GUUGle: http://bioinformatics.oxfordjournals.org/cgi/content/full/22/6/762

HyPa: http://nar.oxfordjournals.org/cgi/content/full/29/1/196

AUTHOR

Markus Riester, <mriester@gmx.de>

LICENCE AND COPYRIGHT

Based on Weigel::Seach v0.13

Copyright (C) 2005-2006 by Max Planck Institute for Developmental Biology, Tuebingen.

This module is free software; you can redistribute it and/or modify it under the same terms as Perl itself.

DISCLAIMER OF WARRANTY

BECAUSE THIS SOFTWARE IS LICENSED FREE OF CHARGE, THERE IS NO WARRANTY FOR THE SOFTWARE, TO THE EXTENT PERMITTED BY APPLICABLE LAW. EXCEPT WHEN OTHERWISE STATED IN WRITING THE COPYRIGHT HOLDERS AND/OR OTHER PARTIES PROVIDE THE SOFTWARE "AS IS" WITHOUT WARRANTY OF ANY KIND, EITHER EXPRESSED OR IMPLIED, INCLUDING, BUT NOT LIMITED TO, THE IMPLIED WARRANTIES OF MERCHANTABILITY AND FITNESS FOR A PARTICULAR PURPOSE. THE ENTIRE RISK AS TO THE QUALITY AND PERFORMANCE OF THE SOFTWARE IS WITH YOU. SHOULD THE SOFTWARE PROVE DEFECTIVE, YOU ASSUME THE COST OF ALL NECESSARY SERVICING, REPAIR, OR CORRECTION.

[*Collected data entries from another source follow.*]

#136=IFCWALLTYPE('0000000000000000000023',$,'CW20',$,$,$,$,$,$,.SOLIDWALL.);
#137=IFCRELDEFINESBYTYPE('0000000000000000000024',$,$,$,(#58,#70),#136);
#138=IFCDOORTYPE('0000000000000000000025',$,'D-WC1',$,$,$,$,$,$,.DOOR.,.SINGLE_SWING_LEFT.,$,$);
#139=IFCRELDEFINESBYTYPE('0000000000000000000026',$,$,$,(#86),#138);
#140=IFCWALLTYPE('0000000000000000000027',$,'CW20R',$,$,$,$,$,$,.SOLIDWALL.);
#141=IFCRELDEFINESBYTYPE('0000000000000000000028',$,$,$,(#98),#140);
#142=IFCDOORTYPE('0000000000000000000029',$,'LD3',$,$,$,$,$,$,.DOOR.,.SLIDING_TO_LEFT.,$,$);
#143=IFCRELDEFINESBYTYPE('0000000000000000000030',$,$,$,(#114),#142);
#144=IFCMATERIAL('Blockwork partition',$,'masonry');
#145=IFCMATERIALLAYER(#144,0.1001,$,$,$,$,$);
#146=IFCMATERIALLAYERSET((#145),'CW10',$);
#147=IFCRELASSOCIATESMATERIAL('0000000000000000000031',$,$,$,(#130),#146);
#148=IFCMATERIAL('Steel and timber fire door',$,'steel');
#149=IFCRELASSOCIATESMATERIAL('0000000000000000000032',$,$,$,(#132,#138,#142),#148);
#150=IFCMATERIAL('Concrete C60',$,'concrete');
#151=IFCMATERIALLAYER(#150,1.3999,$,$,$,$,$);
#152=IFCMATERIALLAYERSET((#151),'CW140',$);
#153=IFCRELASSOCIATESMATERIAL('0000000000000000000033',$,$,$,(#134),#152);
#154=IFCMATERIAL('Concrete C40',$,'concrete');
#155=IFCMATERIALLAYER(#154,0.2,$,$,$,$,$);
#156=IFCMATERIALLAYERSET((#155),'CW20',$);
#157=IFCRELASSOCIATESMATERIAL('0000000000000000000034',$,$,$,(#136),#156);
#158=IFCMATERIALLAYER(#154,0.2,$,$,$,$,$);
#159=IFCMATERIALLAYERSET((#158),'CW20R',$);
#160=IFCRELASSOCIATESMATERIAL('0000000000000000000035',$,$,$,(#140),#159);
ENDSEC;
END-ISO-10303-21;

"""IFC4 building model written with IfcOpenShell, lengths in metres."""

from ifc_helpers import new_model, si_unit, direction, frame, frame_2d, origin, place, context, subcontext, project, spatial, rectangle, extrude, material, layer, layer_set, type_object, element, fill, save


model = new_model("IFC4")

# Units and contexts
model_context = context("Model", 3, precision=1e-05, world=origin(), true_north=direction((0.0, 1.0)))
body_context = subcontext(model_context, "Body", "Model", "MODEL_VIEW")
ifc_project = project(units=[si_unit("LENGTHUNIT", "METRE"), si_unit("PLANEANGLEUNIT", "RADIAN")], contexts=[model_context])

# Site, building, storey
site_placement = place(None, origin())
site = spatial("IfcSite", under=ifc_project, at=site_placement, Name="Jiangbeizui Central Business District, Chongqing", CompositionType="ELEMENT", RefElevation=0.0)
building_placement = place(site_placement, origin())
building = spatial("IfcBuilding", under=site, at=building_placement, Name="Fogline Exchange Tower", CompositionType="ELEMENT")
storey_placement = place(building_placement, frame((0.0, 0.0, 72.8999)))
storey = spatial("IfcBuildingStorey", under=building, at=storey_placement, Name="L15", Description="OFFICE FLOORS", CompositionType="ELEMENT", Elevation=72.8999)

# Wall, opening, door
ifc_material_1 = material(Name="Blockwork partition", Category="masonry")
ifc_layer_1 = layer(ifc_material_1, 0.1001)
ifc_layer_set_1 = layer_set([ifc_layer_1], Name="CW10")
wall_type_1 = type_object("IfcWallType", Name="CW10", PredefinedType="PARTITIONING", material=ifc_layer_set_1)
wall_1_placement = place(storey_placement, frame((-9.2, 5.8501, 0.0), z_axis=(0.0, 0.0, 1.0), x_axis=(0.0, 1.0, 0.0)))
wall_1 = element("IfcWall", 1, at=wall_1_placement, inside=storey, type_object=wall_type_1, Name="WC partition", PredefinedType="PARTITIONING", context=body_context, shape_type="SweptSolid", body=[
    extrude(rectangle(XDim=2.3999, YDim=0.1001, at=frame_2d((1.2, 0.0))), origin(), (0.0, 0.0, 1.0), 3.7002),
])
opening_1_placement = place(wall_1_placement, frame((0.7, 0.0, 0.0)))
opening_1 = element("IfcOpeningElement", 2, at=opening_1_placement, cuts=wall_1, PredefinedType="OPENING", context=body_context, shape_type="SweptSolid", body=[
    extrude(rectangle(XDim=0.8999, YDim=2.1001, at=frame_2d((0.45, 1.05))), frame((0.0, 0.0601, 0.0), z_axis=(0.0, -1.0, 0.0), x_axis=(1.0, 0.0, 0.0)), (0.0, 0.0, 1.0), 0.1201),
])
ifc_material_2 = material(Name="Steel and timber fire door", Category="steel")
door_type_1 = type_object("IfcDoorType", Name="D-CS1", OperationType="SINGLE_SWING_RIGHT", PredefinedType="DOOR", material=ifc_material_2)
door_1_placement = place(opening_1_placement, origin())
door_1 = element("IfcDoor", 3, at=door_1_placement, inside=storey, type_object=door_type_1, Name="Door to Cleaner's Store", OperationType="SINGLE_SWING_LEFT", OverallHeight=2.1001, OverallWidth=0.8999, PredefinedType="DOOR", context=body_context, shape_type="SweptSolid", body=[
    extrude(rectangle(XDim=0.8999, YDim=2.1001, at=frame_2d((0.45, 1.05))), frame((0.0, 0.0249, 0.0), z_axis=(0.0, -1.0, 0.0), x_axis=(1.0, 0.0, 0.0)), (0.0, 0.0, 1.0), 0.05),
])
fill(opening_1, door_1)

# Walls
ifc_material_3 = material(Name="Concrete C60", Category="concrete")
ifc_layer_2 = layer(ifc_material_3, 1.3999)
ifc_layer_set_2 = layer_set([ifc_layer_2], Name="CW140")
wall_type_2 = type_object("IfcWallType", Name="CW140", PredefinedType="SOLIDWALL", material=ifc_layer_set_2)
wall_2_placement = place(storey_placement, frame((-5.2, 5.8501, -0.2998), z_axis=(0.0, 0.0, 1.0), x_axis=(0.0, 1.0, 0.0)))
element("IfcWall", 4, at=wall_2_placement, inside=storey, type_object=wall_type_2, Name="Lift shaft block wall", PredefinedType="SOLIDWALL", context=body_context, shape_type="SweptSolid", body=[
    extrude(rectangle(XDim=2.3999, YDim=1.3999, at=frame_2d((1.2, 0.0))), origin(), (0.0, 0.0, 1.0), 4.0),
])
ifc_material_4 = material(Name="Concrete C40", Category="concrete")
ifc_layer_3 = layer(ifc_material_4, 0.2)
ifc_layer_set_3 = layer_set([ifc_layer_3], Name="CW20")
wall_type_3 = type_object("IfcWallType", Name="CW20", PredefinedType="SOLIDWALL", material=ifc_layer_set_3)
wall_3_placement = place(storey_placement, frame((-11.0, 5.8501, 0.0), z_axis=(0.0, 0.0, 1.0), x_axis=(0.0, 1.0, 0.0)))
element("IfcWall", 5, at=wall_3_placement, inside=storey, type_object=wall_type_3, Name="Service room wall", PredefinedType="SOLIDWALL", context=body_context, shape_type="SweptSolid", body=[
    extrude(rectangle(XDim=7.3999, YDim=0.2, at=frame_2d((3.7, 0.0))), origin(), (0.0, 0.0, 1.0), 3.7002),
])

IN NO EVENT UNLESS REQUIRED BY APPLICABLE LAW OR AGREED TO IN WRITING WILL ANY COPYRIGHT HOLDER, OR ANY OTHER PARTY WHO MAY MODIFY AND/OR REDISTRIBUTE THE SOFTWARE AS PERMITTED BY THE ABOVE LICENCE, BE LIABLE TO YOU FOR DAMAGES, INCLUDING ANY GENERAL, SPECIAL, INCIDENTAL, OR CONSEQUENTIAL DAMAGES ARISING OUT OF THE USE OR INABILITY TO USE THE SOFTWARE (INCLUDING BUT NOT LIMITED TO LOSS OF DATA OR DATA BEING RENDERED INACCURATE OR LOSSES SUSTAINED BY YOU OR THIRD PARTIES OR A FAILURE OF THE SOFTWARE TO OPERATE WITH ANY OTHER SOFTWARE), EVEN IF SUCH HOLDER OR OTHER PARTY HAS BEEN ADVISED OF THE POSSIBILITY OF SUCH DAMAGES.